Input: a sequence of amino acids (encoded as integer IDs) + a multiple sequence alignment (how this protein compares to evolutionary relatives). Output: (x, y, z) for every amino acid, plus a per-residue confidence score (pLDDT).

Component	Type	Shape
Amino acid sequence	Node features	[L] integers (L = sequence length)
MSA profile	Node features	[L, 22] (22 amino acid types)
Proximity edges	Edges	Sparse [L, L] adjacency
Predicted coordinates	Node output	[L, 3] floats (x, y, z)
pLDDT confidence	Node output	[L] floats in [0, 100]

AlphaFold 2 (2021) achieved median GDT score > 90 on CASP14 — matching experimental accuracy. It has since predicted structures for 200 million proteins, covering essentially all of known biology. This is what node-level graph ML looks like at its most impactful.

Why graph ML, not an RNN? A protein sequence looks like a string, so why not use an RNN or transformer on the sequence directly? Because sequence distance and spatial distance are different. Amino acids far apart in sequence can be neighbors in 3D space. The graph encodes spatial proximity, not sequential proximity.

Protein Spatial Graph

A simplified protein fragment. Nodes are amino acids. Edges connect amino acids within a distance threshold. Drag the slider to change the distance cutoff and see how the graph changes.

Distance cutoff 2.5

In AlphaFold's spatial graph, what do the edges represent?

Chemical bonds between amino acids Spatial proximity — amino acids that are close in 3D space Sequential adjacency in the amino acid chain

Chapter 4: Edge-Level — Recommenders & Drug Interactions

You're on Pinterest looking at a wedding cake. The system immediately suggests 12 more wedding cakes, 3 florists, and a calligraphy invite designer. How? Not because those items look similar in pixel space, but because millions of users pinned them to the same boards. The connections reveal similarity.

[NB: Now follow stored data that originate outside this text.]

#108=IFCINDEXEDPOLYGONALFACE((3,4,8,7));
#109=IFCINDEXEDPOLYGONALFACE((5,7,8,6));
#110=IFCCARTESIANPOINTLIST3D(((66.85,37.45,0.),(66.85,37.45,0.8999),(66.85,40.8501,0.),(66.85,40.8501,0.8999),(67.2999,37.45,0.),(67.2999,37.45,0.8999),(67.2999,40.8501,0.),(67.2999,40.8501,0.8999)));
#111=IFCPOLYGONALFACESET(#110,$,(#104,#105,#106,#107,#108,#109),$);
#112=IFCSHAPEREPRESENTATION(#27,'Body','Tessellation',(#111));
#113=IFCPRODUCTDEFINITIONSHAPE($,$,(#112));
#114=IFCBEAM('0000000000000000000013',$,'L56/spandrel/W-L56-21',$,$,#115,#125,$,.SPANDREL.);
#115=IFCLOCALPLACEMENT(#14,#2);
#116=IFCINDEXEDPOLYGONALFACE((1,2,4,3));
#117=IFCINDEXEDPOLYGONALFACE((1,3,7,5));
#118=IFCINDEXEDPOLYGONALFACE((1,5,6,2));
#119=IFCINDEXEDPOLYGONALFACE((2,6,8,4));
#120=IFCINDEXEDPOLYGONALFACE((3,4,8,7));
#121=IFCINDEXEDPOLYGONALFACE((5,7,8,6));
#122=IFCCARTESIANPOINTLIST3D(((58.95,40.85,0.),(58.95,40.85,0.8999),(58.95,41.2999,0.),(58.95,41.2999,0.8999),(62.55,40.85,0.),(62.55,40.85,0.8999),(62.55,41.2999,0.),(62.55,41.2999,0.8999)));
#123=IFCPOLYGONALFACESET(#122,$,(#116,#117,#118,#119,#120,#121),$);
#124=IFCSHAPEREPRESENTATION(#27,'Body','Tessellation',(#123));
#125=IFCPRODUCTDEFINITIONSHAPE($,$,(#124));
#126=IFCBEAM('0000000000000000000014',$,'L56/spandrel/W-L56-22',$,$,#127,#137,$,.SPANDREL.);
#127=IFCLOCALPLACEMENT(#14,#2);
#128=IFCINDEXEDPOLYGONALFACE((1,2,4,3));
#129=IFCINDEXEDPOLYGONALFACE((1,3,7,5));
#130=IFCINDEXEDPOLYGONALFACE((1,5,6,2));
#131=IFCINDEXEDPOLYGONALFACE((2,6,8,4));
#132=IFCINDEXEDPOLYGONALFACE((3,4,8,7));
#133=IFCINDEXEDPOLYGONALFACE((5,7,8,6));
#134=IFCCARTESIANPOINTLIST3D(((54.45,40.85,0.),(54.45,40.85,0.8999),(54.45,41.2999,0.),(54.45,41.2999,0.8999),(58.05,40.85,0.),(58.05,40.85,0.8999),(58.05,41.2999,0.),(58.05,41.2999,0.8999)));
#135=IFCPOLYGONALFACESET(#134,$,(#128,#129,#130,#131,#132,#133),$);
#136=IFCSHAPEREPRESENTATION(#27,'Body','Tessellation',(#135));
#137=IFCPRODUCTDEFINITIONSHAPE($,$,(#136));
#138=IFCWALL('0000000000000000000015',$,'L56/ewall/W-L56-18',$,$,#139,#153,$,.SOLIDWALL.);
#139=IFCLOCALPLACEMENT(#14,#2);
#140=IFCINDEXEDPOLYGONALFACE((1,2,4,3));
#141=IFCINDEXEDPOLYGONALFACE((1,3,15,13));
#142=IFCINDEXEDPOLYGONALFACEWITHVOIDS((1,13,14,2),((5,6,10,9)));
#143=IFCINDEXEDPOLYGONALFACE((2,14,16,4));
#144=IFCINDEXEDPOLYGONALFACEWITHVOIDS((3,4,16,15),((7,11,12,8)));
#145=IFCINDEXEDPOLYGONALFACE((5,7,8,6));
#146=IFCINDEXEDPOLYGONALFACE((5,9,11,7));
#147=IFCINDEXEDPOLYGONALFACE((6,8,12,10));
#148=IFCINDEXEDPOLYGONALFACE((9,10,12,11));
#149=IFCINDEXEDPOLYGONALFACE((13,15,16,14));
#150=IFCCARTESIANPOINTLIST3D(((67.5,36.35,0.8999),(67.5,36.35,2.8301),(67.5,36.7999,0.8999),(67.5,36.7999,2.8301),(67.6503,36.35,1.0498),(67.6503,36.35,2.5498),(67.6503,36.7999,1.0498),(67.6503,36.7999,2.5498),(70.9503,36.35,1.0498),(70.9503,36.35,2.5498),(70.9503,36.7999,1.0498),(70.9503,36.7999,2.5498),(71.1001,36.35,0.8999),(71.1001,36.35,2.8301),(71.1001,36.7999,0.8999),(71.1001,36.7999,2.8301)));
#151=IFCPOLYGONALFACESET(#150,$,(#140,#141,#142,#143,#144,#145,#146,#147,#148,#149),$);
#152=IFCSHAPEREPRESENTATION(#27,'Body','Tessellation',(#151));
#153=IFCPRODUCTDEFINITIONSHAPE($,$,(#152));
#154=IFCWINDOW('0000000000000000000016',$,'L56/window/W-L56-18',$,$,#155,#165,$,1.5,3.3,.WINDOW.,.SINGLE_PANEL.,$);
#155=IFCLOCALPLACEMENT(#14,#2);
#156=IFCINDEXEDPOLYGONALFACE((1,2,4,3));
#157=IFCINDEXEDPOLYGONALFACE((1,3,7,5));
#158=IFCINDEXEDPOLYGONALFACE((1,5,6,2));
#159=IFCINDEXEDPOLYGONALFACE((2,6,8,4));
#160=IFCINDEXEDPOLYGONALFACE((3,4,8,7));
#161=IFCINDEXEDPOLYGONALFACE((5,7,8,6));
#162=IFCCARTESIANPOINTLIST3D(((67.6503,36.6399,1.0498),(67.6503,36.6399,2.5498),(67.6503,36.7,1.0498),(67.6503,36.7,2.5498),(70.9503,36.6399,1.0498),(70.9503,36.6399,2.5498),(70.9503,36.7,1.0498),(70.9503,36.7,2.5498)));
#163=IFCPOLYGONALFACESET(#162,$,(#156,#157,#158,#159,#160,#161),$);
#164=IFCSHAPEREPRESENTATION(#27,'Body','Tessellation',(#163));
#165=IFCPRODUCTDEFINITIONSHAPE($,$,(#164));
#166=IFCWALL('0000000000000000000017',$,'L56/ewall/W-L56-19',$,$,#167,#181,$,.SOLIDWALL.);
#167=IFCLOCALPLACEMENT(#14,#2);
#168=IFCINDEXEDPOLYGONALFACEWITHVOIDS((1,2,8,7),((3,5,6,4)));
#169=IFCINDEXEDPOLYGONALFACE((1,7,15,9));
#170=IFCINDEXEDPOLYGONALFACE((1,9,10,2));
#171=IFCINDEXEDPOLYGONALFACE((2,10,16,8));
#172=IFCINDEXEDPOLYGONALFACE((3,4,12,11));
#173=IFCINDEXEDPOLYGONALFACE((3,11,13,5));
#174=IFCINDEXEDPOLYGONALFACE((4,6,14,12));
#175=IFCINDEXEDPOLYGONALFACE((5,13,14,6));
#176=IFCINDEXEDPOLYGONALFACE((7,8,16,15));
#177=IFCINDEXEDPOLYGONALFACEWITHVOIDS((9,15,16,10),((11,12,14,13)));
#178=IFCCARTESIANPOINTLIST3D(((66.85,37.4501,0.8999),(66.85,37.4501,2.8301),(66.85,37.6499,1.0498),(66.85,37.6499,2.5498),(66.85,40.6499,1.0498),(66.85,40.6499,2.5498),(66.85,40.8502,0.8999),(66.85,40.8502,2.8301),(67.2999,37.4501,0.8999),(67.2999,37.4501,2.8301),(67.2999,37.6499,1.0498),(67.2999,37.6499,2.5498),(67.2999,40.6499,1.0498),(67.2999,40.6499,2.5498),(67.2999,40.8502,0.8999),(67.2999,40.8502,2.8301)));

This is PinSage (Ying et al., KDD 2018), a graph-based recommender system running at Pinterest scale: 3 billion nodes, 18 billion edges. The graph connects pins (images) to boards, and boards to users. Two pins on the same board are implicitly linked. The task: given a query pin, find pins with similar embeddings z_i such that:

d(z_cake1, z_cake2) < d(z_cake1, z_sweater)

The embeddings z_i are learned by a GNN that aggregates information from each pin's neighborhood in the graph. No hand-designed features. The graph structure alone teaches the model what "similar" means.

Drug-Drug Interaction Prediction

A second edge-level problem: given two drugs, predict what adverse side effects occur when they're taken together (Zitnik et al., 2018). The graph has two types of nodes — drugs and proteins — and two types of edges: drug-protein interactions (from pharmacology databases) and drug-drug edges for known interactions. The task is to predict new drug-drug edges and label them with specific side effects.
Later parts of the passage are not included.